Effet par l'image modifiée : est le nom donné par Gilles Deleuze à un procédé qu'il a repèré dans deux westerns de John Ford : une image est montrée deux fois, mais la seconde fois, modifiée ou complétée de manière à faire sentir la différence entre la situation de départ et celle d'arrivée. Dans Liberty Valance, la fin montre la vrai mort du bandit et le cow-boy qui tire, tandis qu'on avait vu précédemment l'image coupée à laquelle s'en tiendra la version officielle (c'est le futur sénateur qui a tué le bandit). Dans Les deux cavaliers, on nous montre la même silhouette de shérif dans la même attitude mais ce n'est plus le même shérif. Il est vrai que entre les deux S et S', il y a beaucoup d'ambiguïté et d'hypocrisie. Le héros de Liberty Valance tient à se laver du crime pour devenir un sénateur respectable, tandis que les journalistes tiennent à lui laisser sa légende, sans laquelle il ne serait rien. Et, comme l'a montré Roy (Pour John Ford, édition du cerf), Les deux cavaliers ont pour sujet la spirale de l'argent qui, dès le début, mine la communauté et en fera qu'agrandir son empire."

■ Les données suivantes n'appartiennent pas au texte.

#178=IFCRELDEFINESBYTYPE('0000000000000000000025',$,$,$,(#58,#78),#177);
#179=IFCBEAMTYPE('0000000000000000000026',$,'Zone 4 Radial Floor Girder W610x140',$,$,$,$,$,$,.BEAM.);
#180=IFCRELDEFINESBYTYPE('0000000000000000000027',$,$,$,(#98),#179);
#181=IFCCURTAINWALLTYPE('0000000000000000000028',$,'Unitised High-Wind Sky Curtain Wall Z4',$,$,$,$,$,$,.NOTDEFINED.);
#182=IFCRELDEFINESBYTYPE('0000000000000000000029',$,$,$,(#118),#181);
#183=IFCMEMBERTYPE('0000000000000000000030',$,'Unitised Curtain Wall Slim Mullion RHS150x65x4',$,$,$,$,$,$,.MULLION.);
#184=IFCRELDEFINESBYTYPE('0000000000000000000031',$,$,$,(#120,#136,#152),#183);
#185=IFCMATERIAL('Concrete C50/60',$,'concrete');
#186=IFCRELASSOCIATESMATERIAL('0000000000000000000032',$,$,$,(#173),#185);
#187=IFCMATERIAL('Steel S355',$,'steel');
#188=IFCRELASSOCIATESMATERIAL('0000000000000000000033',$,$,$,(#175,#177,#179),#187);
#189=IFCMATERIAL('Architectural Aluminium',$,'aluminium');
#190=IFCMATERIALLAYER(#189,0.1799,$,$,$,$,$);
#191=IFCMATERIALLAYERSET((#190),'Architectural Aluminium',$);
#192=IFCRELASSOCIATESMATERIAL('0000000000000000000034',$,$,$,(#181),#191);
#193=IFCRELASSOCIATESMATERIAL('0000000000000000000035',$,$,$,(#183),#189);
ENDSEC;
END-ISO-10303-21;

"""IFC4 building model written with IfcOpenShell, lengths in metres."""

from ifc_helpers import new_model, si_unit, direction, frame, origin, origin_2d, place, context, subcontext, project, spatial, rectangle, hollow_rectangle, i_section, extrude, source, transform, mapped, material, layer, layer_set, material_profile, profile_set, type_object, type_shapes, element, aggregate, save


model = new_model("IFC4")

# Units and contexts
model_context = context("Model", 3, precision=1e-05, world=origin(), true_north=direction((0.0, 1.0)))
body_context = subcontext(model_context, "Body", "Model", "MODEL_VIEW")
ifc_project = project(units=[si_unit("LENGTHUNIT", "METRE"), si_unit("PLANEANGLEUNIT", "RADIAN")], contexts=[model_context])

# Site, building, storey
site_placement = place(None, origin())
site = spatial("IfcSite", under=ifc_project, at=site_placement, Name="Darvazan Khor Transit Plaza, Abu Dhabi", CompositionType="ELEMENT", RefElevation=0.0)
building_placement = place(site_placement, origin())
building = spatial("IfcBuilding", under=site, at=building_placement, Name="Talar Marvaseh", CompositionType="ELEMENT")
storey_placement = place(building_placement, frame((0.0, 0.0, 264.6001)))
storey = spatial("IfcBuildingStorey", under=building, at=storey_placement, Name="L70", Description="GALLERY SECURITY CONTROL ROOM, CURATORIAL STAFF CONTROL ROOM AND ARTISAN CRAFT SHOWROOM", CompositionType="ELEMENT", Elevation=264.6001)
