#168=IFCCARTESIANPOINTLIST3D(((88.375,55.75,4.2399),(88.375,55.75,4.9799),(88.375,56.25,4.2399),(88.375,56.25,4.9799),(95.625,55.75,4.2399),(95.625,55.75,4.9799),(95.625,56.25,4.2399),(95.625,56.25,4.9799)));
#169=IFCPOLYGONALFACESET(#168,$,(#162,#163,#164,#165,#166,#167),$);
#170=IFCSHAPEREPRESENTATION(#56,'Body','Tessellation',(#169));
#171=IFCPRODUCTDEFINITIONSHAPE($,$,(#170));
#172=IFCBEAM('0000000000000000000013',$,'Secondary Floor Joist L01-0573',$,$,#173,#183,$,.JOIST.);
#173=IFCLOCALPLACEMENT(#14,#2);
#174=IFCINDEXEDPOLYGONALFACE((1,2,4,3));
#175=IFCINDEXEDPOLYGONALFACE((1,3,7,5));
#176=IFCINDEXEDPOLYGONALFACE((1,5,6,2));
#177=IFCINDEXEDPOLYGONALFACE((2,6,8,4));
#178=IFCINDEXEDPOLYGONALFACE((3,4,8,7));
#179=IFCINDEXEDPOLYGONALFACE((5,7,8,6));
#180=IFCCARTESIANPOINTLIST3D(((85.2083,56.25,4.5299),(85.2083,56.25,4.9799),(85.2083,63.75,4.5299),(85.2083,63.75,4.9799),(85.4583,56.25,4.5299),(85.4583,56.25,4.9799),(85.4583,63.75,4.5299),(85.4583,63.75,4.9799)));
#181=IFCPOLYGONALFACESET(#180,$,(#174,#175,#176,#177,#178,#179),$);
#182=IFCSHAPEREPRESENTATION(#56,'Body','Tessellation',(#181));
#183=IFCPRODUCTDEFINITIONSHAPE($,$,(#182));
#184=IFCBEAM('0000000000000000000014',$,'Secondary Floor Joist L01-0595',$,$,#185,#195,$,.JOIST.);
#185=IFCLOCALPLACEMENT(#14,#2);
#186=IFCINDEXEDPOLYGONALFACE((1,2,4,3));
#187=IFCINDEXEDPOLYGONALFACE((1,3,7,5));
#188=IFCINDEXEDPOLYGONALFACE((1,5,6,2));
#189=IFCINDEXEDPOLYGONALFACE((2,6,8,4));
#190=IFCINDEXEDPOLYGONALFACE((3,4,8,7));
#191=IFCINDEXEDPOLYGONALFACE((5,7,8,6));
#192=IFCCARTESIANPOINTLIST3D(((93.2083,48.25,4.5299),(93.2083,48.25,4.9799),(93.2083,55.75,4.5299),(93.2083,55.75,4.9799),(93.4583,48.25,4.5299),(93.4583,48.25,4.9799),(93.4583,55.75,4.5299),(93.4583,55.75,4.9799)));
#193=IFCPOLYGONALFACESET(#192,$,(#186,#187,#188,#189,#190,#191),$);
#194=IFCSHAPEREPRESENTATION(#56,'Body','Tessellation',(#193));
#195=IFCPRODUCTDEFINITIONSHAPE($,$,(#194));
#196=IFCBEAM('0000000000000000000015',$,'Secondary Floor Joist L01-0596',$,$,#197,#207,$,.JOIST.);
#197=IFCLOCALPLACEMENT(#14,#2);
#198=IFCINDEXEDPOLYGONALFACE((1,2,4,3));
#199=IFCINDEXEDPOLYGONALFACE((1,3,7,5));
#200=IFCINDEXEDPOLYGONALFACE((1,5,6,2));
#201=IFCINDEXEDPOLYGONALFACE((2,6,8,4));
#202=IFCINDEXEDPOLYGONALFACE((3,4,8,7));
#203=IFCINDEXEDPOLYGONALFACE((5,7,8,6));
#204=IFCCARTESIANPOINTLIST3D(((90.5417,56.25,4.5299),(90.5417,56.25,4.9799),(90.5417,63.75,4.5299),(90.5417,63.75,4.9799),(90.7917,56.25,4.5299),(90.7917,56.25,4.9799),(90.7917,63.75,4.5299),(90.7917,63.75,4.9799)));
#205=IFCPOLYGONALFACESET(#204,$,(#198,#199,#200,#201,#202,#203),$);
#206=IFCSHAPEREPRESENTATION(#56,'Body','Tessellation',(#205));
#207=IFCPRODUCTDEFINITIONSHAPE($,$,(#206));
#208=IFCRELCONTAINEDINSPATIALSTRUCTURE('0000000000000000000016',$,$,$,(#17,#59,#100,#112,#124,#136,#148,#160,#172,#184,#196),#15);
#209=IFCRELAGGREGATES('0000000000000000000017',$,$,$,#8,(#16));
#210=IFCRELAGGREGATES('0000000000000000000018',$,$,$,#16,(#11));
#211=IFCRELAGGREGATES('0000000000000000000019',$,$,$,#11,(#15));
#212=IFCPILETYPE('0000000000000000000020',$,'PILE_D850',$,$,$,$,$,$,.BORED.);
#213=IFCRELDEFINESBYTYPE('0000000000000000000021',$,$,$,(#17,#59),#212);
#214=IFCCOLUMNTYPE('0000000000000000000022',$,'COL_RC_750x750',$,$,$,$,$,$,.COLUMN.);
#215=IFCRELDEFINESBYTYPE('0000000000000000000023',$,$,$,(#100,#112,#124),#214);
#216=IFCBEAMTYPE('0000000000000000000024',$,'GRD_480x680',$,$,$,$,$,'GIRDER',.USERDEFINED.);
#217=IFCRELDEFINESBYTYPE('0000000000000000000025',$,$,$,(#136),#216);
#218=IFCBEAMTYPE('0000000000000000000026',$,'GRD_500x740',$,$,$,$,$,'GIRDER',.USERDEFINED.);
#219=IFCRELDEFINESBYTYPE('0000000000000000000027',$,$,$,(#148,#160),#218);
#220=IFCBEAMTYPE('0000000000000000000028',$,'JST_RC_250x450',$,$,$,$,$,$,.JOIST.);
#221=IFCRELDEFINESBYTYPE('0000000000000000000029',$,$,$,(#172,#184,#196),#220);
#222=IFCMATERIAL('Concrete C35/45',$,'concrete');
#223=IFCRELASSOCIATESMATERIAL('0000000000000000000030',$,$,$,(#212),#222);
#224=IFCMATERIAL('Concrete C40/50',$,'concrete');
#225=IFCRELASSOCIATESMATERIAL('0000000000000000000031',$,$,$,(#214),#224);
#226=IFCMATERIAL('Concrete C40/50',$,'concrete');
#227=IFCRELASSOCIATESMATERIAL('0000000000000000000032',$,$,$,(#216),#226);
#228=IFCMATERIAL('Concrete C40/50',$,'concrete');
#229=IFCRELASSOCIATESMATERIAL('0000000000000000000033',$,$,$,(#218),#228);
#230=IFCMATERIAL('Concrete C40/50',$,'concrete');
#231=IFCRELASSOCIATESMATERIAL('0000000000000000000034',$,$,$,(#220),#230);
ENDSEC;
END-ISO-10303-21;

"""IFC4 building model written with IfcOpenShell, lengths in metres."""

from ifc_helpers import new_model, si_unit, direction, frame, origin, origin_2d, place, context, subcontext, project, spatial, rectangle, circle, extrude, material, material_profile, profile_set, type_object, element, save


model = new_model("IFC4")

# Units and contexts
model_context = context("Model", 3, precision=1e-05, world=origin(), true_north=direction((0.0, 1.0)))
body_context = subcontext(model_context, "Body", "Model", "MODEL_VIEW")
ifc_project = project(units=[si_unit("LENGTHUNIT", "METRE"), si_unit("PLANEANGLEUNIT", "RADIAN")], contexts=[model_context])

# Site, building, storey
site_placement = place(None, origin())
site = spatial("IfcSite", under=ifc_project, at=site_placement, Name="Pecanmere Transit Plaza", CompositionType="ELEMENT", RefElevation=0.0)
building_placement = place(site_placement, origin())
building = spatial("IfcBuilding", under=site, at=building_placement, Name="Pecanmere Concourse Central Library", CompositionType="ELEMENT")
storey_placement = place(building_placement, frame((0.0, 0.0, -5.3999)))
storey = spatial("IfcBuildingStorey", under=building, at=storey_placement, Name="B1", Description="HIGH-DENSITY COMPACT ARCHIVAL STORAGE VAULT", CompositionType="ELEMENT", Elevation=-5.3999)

Ce motif de l'image modifiée était déjà présent, magnifiquement, dans La prisonnière du désert. D'une part avec l'image de Debbie, qu'Ethan élève au dessus de lui au début du film pour marquer la reconnaissance de sa filiation et à la fin lorsqu'il résout enfin la question du racisme et renonce à la tuer bien que "souillée" par sa vie avec un indien. L'autre image modifiée est celle de l'embrasure de la porte, signe d'espoir d'intégration au début, signe du retour à la vie solitaire à la fin.
Au début de Citizen Kane la caméra monte au dessus d'une grille sur laquelle figure "No trespassing" et transgresse l'espace personnel de Kane au moment de sa mort, moment intime par excellence. A partir du dernier mot prononcé, "Rosebud" va s'enclencher une enquête, une chasse comme celle de Ethan dans La prisonnière du désert. Seul le spectateur apprendra ce que signifie ce mot car l'enquête menée dans le film échoue. Dans les milliards de caisses laissées à la mort de Kane, des ouvriers viennent faire du vide et jettent des caisses au feu : sous une luge, sur laquelle jouait Kane enfant on distingue le mot "Rosebud". La luge est brûlée et l'on suit le parcours des flammes et la fumée qui s'échappe. Se clôt ainsi la vie d'un homme et l'on repasse à l'extérieur du domaine. On ne peut deviner la vie d'un homme en essayant de mieux connaître son intimité. Seul l'art permet de l'approcher.
Dans La nuit du chasseur , on a bien la même scène au début et à la fin. Le père, le vrai puis celui qui a incarné le mal en pourchassant les enfants, est arrêté par les flics. Cette arrestation est filmée les deux fois dans les mêmes conditions : sur une pelouse où le père est jeté à terre par les flics. A chaque fois, l'enfant se donne un coup de poing sur le ventre. Ainsi selon Bill Khron : à la place du serment monstrueux, accepté par le fils au début du film de ne pas révéler où se trouve l'agent, l'enfant, à la fin, éventre la poupée en criant : "No, no, it's too much". Comme libéré du secret, il peut accéder à l'âge adulte.